# Pymatuning - Biggest Walleye this season



## kayak1979 (Jul 13, 2014)

Made it out to Pymie this afternoon fishing weed beds again. Caught a few dink yellow perch and released. Made it to a section where the weed beds were more prevalent and after a few casts I had a light hit, I slowed my retrieve on the spinner and wham. I thought at first that I had a muskie because of the flash of color for a moment with the sun reflecting, then I did see the gold and white mark on the tail to reach back quickly in my kayak and grab the net. Didn't connect on any other walleye for the day. Fished edges then to catch some shade and caught some nice fighter bluegills on the same favorite spinner. All the fish were actually caught in less than 3 ft of water and on a spinner. The lake is still murky and I'm hoping it clears up soon.


----------



## Eye Dr (Mar 23, 2010)

Nice fish! I was on the lake from 7:30am to 6:00pm and only caught 1 legal walleye. I trolled the northern end all morning and only managed a few Perch and 2 Crappie. Loaded the boat up and went south. Fished from 5-26ft and the walleye came from 25ft. Not sure what's going on at Pymy but I'm really struggling with the Walleye this year.


----------



## kayak1979 (Jul 13, 2014)

Thank you, glad you were able to get a keeper too. Long hours and only catching one sometimes can be frustrating, so that's when I usually change up what I'm targeting to have fun...like gils. I have heard that many are not doing well this season. I wonder if weather or something else has to do with it?


----------



## Eye Dr (Mar 23, 2010)

I talked to a Warden yesterday and he said the fish are there. The numbers that they got in their nets this spring were unbelievable. He doesn't understand what is going on either.


----------



## kayak1979 (Jul 13, 2014)

Do you think it has to do with the weed beds not being grown as much in some areas? I know that one area that last year was absolutely filled with weed beds is hardly anything when I went searching with my sonar to find them. I am new to Pymatuning, as I have only fished there the last 3 years but this is just from what I have observed. I talked to a guy last summer who fishes Pymie all summer long and last year he told me he had never seen the lake so clear because of all the weeds being so thick...now it seems to be the opposite this season. That's good to hear that the survey was good, I hope to get some more walleyes in the skillet!


----------



## WickedWalleye (Oct 25, 2014)

Berlin is slow too. Fished last Saturday and caught 3 short eyes, 4 gills and a small perch. All wind drifting with a half of crawler in 10 FOW. Wind from NE. No weeds in Berlin. This weekend should be good, winds from SW. Mosquito always too choked up. Pymy, all I have is a 40 HP Mercury. Gonna get a small kicker, someday, love Pymy.


----------



## ldrjay (Apr 2, 2009)

shad.... the problem is shad... they are gorging.


----------



## twistedcatfish1971 (Jul 21, 2013)

Kayak1979...any chance you checked stomach content of that eye? 

Nice fish by the way.


----------



## kayak1979 (Jul 13, 2014)

twistedcatfish1971 said:


> Kayak1979...any chance you checked stomach content of that eye?
> 
> Nice fish by the way.


Didn't check it, should have.


----------



## Huz-yak (Jun 3, 2011)

The couple of times i paddled Berlin this year I crossed the lake in open water and the sonar was lit up solid shad. It was baffling.


----------



## Jlin4869 (Apr 9, 2017)

In


WickedWalleye said:


> Berlin is slow too. Fished last Saturday and caught 3 short eyes, 4 gills and a small perch. All wind drifting with a half of crawler in 10 FOW. Wind from NE. No weeds in Berlin. This weekend should be good, winds from SW. Mosquito always too choked up. Pymy, all I have is a 40 HP Mercury. Gonna get a small kicker, someday, love Pymy.

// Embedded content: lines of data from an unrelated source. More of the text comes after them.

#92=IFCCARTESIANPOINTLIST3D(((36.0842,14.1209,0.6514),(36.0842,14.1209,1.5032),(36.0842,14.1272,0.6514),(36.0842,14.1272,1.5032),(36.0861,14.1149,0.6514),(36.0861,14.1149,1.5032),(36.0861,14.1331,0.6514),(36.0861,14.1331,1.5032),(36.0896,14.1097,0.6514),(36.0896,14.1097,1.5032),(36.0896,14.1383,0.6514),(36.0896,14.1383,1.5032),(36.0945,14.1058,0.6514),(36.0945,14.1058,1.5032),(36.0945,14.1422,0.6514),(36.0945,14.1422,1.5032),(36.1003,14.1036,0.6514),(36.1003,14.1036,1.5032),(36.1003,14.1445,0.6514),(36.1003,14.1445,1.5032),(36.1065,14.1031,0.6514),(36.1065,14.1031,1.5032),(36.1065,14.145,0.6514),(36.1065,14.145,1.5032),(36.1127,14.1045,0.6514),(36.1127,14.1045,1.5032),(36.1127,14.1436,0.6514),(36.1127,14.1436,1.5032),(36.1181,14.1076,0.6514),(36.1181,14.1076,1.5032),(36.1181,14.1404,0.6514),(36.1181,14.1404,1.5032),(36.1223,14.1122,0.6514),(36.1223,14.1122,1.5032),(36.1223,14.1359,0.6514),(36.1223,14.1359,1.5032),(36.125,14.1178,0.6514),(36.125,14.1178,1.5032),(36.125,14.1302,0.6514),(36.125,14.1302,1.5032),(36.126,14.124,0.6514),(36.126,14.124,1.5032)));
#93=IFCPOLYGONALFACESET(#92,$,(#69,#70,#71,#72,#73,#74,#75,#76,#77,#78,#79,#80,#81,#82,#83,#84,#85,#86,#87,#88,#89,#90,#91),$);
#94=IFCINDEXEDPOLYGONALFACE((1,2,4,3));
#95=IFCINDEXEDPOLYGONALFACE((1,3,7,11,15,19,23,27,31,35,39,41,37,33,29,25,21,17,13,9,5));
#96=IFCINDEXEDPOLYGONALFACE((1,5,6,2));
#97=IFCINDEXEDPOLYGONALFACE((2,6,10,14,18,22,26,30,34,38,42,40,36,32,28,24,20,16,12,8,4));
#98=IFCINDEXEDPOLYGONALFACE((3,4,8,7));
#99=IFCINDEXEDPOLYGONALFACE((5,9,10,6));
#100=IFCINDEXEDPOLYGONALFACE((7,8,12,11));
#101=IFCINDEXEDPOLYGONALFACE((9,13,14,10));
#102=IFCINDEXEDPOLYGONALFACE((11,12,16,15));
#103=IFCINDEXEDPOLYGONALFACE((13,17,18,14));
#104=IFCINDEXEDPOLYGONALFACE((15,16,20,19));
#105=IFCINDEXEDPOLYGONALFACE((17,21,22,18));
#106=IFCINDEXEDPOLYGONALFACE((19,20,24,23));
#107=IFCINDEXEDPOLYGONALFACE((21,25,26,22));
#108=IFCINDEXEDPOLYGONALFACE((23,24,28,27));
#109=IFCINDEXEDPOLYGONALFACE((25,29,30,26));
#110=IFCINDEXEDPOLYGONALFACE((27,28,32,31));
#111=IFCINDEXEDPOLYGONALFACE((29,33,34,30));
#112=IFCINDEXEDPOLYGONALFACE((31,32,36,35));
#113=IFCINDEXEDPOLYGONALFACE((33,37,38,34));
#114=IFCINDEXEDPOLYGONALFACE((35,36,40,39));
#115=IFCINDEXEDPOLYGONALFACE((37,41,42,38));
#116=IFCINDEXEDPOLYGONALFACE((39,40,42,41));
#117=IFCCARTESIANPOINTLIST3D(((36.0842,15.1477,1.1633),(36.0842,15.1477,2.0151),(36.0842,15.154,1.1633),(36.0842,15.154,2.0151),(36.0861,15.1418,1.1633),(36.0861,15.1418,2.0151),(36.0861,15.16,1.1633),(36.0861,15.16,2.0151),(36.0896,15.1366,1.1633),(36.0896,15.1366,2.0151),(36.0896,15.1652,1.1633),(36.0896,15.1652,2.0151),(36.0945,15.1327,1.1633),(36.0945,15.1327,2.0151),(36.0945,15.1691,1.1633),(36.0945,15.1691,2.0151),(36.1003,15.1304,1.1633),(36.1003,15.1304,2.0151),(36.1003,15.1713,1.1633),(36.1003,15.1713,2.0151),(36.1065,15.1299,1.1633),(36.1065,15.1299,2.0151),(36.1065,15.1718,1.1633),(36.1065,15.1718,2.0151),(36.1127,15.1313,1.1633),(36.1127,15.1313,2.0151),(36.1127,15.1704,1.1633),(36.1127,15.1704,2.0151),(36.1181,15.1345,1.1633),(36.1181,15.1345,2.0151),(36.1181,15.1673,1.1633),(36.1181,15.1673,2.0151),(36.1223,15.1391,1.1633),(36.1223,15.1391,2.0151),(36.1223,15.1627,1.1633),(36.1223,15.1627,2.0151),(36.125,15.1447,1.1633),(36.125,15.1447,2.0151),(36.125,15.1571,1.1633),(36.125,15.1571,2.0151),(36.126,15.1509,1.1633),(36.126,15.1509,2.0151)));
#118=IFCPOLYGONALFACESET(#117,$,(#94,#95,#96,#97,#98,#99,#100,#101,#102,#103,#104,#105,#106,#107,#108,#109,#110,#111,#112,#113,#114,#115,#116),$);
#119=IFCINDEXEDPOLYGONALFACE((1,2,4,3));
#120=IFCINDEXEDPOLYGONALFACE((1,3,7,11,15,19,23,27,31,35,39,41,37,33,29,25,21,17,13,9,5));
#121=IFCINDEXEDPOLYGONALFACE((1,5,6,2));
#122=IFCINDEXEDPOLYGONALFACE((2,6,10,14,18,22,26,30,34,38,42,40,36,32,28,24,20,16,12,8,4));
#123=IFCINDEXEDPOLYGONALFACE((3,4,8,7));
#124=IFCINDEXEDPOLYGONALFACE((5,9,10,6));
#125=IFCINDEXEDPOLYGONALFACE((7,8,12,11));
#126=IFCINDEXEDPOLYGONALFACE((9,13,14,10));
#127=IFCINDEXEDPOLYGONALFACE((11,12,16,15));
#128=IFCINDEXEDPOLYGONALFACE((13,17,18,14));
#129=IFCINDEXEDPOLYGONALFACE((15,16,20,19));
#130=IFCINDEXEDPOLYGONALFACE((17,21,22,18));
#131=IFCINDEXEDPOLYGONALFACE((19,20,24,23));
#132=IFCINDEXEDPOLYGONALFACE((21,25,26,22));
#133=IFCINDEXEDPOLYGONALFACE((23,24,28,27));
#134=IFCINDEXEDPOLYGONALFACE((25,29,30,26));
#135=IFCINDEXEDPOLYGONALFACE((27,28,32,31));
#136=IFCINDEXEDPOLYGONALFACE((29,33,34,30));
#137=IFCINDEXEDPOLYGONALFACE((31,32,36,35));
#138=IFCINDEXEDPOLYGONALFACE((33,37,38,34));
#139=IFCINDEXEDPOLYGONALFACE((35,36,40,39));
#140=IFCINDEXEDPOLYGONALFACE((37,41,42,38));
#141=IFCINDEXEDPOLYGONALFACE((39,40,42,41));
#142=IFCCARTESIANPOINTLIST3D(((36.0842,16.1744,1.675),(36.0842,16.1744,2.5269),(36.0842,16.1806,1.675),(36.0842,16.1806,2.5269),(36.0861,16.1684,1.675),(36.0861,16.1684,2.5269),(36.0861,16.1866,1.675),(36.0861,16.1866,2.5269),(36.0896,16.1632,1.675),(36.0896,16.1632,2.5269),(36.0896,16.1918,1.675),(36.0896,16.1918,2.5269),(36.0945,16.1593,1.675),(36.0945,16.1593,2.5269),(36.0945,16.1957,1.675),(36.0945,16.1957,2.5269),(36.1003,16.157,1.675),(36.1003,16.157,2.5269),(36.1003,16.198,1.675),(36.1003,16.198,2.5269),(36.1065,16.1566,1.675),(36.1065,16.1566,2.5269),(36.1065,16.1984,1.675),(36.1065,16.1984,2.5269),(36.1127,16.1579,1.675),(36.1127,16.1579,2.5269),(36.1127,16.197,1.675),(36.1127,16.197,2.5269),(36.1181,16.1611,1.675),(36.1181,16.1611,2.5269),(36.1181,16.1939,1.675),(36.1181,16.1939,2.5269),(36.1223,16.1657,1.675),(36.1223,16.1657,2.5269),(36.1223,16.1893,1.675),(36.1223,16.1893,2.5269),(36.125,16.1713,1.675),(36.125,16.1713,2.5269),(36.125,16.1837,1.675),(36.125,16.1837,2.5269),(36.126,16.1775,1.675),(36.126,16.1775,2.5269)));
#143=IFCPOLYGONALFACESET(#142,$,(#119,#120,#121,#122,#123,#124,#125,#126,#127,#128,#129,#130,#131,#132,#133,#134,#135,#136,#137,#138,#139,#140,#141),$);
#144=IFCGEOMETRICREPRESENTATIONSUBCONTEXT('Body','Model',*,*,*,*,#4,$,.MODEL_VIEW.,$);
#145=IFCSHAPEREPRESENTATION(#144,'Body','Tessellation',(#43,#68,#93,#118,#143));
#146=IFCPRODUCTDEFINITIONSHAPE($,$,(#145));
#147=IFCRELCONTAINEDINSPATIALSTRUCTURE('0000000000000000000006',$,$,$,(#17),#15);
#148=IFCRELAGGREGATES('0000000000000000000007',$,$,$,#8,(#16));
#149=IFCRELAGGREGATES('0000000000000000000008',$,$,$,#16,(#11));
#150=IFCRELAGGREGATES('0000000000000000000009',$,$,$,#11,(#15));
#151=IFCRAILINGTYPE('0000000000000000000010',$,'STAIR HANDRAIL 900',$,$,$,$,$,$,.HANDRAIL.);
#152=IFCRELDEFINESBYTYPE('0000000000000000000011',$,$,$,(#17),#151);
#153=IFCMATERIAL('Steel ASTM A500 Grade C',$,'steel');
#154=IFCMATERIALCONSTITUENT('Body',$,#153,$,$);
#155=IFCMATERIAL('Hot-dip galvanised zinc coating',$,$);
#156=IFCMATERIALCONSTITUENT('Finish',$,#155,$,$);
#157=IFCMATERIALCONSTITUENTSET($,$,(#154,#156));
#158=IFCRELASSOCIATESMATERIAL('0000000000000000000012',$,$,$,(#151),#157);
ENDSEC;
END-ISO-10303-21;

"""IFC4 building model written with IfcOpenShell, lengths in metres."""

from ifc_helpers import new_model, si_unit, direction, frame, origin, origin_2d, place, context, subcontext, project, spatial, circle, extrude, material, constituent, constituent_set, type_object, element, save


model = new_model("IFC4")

limited at berlin last weekend. Went last night and only caught white bass


----------



## buckeyebowman (Feb 24, 2012)

I've heard that before about Berlin. That the lake is so chock full of shad that the walleye have easy pickings, and our presentations get lost in the shuffle!


----------



## alfred dawes (Jul 4, 2006)

The water level is higher than usual at Pyma this year and the shad bloom. lol


----------



## ramfan (May 6, 2008)

I am thinking we really need a good ice cover to kill these shad. Was out last week at Snodgrass hit my go to spots and all I did was small perch and a few cigar walleyes. Fished crawlers and minnows ,trolled a bit ,guessing next time will be leeches on single spinner slow troll.


----------



## chaunc (Apr 11, 2004)

ramfan said:


> I am thinking we really need a good ice cover to kill these shad. Was out last week at Snodgrass hit my go to spots and all I did was small perch and a few cigar walleyes. Fished crawlers and minnows ,trolled a bit ,guessing next time will be leeches on single spinner slow troll.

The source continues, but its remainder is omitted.